UNSUNG HEROES IN THE STANDS AND THE AISLES
When Astorino looks around at ordinary life, he sees quiet heroism everywhere — especially in parents who serve when nobody is watching.
“There are plenty of people, the moms or the dads, who were the CYO coaches,” he said. “I was one of them. And I can’t tell you how much I enjoyed every moment of coaching my three kids in CYO basketball.”
He remembers putting on the whistle and heading to practice.
“I loved putting that whistle on, going to practice and spending time with them,” he said. “On the final year with my last child, winning the championship — I mean, they’re like, ‘Okay, why are they so excited? We’re in eighth grade.’ Me and the other coach were just like almost in tears how excited we were, just because we had that moment with our kids.”
He watched other parents quietly show up again and again.
“There were so many other parents who I saw were so dedicated to their kids,” he said. “They showed up at all the games, they were working in the cafeteria to make sure things ran, or doing security at the CYO games or at the football game — moms and dads who just put in a heck of a lot of effort to make sure that they were actively involved in their kids’ lives.”
Often there’s no thank-you at all.
“They may never get a ‘Thanks for coming to the game, Dad,’ or ‘I’m glad you were there,’” he said. “But we know it’s in them and we know how important it is.”

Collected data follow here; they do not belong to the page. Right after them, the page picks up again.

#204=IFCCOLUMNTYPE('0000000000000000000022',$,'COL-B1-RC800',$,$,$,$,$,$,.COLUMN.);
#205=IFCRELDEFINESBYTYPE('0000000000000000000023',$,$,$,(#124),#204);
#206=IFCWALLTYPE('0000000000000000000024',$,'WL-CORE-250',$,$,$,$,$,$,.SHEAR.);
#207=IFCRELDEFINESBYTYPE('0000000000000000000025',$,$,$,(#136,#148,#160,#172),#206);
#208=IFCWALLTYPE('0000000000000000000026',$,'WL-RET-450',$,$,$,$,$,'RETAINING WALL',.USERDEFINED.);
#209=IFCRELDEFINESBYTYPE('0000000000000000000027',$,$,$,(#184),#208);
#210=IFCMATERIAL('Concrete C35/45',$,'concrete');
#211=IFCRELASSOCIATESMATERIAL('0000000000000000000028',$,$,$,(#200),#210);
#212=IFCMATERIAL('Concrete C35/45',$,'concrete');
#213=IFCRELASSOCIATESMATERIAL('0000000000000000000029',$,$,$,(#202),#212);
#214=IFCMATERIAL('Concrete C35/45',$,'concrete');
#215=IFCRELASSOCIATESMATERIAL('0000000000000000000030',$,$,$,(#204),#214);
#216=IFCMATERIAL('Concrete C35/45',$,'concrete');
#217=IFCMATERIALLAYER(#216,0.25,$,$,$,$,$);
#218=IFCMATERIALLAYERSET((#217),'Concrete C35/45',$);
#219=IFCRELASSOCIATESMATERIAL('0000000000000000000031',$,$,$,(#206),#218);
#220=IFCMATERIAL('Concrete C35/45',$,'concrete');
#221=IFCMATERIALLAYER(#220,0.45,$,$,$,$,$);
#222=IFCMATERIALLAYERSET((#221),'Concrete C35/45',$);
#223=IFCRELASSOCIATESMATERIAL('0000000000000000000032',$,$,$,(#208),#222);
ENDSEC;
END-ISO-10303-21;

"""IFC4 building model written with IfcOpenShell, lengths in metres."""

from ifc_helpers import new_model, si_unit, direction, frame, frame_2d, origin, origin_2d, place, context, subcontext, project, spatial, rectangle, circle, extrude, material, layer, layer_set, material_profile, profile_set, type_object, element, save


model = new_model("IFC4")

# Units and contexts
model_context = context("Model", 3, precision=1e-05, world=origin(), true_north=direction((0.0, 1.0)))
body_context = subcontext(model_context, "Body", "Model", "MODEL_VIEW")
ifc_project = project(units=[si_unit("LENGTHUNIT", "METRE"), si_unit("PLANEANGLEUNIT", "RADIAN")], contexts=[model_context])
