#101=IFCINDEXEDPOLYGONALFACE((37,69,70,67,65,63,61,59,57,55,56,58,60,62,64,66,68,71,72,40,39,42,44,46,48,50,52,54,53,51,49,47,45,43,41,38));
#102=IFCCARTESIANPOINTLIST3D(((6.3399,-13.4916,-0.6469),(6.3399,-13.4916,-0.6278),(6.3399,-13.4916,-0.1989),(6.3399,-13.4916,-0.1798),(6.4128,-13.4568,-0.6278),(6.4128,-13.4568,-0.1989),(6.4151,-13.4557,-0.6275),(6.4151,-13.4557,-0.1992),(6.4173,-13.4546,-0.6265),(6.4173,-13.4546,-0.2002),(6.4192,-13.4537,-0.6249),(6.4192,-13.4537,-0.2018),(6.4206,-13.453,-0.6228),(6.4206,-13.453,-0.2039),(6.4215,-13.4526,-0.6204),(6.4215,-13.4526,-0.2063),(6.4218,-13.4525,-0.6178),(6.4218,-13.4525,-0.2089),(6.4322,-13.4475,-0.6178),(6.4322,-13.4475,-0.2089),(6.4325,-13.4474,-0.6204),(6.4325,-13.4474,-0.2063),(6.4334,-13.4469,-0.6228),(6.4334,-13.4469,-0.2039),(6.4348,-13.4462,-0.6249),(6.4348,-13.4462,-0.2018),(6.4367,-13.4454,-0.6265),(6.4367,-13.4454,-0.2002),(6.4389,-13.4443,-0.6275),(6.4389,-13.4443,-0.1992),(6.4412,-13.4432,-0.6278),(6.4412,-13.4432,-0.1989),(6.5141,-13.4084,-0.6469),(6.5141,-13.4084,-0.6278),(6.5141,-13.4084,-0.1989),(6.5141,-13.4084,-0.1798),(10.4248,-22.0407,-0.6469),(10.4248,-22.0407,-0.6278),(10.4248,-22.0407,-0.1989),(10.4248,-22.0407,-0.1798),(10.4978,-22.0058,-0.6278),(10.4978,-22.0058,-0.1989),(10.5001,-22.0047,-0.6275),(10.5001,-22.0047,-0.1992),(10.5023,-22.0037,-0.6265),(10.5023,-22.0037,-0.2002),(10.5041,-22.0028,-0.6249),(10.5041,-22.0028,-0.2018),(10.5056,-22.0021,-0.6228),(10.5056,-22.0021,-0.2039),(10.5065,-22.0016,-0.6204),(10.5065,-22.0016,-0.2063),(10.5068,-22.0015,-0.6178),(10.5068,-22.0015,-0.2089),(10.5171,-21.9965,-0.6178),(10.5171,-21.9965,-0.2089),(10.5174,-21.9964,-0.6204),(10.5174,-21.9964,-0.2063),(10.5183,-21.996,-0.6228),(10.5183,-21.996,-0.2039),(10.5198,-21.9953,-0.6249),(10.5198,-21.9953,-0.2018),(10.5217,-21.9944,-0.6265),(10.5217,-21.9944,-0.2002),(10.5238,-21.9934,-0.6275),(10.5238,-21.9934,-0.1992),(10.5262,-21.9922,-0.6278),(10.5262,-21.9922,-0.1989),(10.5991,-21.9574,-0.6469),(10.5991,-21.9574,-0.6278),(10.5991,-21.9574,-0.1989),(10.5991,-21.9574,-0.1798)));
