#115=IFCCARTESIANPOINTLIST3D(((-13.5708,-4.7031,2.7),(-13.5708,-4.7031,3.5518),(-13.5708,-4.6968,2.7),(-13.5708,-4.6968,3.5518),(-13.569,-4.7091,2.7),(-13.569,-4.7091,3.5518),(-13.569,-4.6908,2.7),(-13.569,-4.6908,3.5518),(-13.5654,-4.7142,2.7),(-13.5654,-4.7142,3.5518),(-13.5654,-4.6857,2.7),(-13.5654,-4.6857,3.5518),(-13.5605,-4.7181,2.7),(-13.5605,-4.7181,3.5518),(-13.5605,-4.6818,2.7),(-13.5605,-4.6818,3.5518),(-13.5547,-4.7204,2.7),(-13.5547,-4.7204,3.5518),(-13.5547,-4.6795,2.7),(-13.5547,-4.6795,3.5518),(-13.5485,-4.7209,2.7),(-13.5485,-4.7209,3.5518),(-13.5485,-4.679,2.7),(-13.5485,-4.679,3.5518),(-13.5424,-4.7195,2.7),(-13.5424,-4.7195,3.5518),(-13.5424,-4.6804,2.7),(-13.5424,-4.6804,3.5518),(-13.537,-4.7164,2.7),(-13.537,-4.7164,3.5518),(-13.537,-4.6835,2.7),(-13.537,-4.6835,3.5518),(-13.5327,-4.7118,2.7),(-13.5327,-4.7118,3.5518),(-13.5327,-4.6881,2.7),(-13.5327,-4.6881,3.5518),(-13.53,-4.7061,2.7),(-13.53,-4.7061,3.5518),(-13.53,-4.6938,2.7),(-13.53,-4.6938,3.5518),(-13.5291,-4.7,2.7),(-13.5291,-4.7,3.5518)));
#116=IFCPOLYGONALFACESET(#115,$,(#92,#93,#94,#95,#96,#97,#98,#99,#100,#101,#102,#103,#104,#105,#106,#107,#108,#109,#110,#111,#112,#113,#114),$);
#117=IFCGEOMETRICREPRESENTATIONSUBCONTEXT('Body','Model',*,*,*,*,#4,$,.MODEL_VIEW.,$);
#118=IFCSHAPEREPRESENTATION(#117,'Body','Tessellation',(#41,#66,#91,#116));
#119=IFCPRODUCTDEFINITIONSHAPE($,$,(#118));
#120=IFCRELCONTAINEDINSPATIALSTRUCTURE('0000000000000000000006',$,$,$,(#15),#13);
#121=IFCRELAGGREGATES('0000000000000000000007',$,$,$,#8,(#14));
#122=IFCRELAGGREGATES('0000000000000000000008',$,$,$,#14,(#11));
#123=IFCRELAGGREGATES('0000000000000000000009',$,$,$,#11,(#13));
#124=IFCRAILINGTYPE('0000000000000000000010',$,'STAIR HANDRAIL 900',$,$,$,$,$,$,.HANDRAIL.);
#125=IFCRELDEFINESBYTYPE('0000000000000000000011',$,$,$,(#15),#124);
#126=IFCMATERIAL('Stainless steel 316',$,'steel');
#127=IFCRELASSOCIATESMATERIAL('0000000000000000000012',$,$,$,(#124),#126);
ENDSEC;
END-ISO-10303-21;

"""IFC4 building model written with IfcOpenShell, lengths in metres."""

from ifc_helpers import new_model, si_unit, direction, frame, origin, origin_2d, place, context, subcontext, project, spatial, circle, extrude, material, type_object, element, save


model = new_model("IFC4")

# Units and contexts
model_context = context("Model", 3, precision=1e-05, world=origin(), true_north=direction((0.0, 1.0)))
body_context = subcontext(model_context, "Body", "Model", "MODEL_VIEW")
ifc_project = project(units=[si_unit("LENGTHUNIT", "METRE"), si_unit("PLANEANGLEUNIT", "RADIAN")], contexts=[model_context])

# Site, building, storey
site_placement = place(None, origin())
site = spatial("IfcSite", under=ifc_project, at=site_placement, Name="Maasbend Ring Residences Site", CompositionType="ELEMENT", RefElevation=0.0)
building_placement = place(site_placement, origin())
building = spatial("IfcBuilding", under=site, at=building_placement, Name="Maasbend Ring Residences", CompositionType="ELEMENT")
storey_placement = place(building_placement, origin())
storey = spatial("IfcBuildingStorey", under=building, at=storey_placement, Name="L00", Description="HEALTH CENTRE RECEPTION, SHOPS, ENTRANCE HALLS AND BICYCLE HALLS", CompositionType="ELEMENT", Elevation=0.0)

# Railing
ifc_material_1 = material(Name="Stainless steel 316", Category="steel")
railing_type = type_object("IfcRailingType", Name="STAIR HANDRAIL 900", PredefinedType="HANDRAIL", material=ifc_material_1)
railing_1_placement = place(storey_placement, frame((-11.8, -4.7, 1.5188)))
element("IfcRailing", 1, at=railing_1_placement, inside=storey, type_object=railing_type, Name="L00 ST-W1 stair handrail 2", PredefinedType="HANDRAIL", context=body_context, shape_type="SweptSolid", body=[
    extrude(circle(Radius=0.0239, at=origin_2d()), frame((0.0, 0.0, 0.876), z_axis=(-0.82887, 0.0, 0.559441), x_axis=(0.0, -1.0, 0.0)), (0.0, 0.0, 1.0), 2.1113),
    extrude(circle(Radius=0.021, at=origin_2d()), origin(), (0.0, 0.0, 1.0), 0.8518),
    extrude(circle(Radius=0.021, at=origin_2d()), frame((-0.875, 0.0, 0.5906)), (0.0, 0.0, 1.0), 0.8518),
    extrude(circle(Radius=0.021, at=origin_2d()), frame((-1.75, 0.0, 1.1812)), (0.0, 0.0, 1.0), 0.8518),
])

Quiet heroism isn’t limited to the sidelines.
“Every time I see that, when I see a mom with a shopping cart with a screaming kid, I just want to say, ‘Can I help you in any way?’” he said. “We’ve been there. It gets better. And I think that’s really the heroism that makes the most impact on me — the little things that nobody gets thank-yous for.”
“BE THE UNSUNG HERO”
At the close of the conversation, Astorino turned back to the men listening — especially the dads and grandfathers.
“I hope you know how important you are in society and how important you are to the church and how important you are especially in the lives of your wife and your children,” he said.
His advice is simple and sharp.
“Be the unsung hero,” he said. “You may not get the accolades, you may not get the pat on the back or even the thank-yous, but it all adds up. It’s like making deposits in a bank, and when you’re done, that retirement IRA of emotion and gratitude is gonna be there and you’re gonna be lucky that you made that effort.”
The payoff he’s looking for isn’t money.
“The interest is gonna be, ‘I did well. My kids are okay. They’re on their own. Hopefully they’re healthy,’” he said. “Some of those things obviously are out of our control, but they’re on the right path.”
He jokes about an old stereotype he grew up with — and rejects it.
“The joke when we were growing up was the moms would always take care of the kids and the dad’s job was to make sure the kids stayed alive until mom got home,” he said.
Then he stops joking.
“But we’re more than that,” he said. “Being a dad, being a man in this day and age — don’t allow us to be devalued or to say we don’t matter. We matter. We are so important to the development of kids and to the stability of families and to society. Take it seriously and be as goofy as you want, but know how important it is.”